Например, право и долг вовсе не чувства, это категории морали и права, они соотносятся с волей. Но единство права и долга воспринимается чувством скорее, чем разумом. Справедливость же не отвлеченность, но чувство. Именно и естественно чувство ответа на социальный порядок вне человека. Каждое право обеспечивает возможность исполнения данного долга; их невозможно разъединить, расторгнуть и предпочтительным выбором назначения одному передать все права, а другому только обязанности («долг»). Все революции в России происходят после подобного «черного передела». По мнению евразийцев, может быть справедливому, всякая революция есть просто замена «правящего слоя» – и не более того. Но и не менее. При этом даже высшая ценность – свобода – оказывается под сомнением как ценность справедливая, потому что «свобода не право, а долг» [Бердяев 1952: 138]; долг, обеспечивающий все права. Лукавство современной терминологии привело к замене двуединой формулы право = долг церковнославянизмом обязанност(и) (калька с чужих языков), отчего и возник семантический перекос в соотношении между правами и – обязательным долгом исполнить свои права. Сегодня разорванность этих связей мы ощущаем в полной мере.
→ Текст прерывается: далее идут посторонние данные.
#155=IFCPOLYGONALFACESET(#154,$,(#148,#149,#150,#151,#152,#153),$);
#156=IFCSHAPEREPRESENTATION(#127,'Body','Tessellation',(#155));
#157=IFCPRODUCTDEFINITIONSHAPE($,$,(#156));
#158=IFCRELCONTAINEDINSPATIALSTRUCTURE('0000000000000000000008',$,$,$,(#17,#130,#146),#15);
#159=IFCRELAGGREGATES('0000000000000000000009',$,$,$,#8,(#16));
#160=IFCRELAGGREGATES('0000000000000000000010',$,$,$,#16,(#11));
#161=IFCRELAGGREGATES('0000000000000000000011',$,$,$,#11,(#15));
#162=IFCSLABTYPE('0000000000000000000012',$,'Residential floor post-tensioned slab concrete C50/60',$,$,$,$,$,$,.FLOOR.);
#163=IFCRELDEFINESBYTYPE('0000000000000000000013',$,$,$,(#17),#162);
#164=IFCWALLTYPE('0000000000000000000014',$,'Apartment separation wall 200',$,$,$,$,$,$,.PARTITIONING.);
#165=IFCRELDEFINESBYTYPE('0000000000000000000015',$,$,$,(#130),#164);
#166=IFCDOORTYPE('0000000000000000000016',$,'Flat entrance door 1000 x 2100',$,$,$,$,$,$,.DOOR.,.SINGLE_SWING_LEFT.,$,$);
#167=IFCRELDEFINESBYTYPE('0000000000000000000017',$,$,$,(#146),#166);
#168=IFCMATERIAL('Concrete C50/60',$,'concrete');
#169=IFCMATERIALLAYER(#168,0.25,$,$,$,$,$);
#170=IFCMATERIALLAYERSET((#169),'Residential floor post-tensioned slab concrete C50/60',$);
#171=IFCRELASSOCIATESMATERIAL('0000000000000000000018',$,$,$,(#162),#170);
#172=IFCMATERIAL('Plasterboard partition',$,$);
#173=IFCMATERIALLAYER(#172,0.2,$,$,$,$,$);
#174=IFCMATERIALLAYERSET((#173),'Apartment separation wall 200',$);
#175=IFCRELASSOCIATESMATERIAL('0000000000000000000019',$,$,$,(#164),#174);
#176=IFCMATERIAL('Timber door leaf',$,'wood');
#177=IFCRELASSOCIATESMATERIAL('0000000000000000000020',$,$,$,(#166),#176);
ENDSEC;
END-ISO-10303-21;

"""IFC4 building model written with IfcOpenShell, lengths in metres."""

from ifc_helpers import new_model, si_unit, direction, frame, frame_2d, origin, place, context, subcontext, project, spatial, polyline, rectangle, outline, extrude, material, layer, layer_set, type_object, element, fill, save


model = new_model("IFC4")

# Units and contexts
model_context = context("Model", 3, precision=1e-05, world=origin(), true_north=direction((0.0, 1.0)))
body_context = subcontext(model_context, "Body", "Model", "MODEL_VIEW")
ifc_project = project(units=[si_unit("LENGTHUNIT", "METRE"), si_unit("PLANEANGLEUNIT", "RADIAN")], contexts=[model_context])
«Даже само слово право было у нас неизвестно в западном его смысле, но означало только справедливость, правду» [Ключевский 1911: 115]. Вообще русские полагают власть как право, «понимая под правом справедливость» [Меньшиков 2000: 36]. И, наконец: «Ошибаются... в самом определении понятия справедливости как только уравнивающей, отрицающей в области права всякие различия лиц и отношений; во-вторых, вводят в заблуждение, выставляя вопрос о правоспособности как вопрос справедливости, а не целесообразности, каков он в действительности есть и в качестве какого он и должен быть решаем» [Астафьев 2000: 231]. Таково в кратком изложении русское понимание справедливости как идеи, согласно которой (по ироническому определению Максимилиана Волошина):

Я напишу: «Завет мой – справедливость!»

И враг прочтет: «Пощады больше нет!»

Но справедливость даже и не закон, а по древней традиции, известной и грекам (калокагатия), это синтез красоты и добра, оборотная сторона совести.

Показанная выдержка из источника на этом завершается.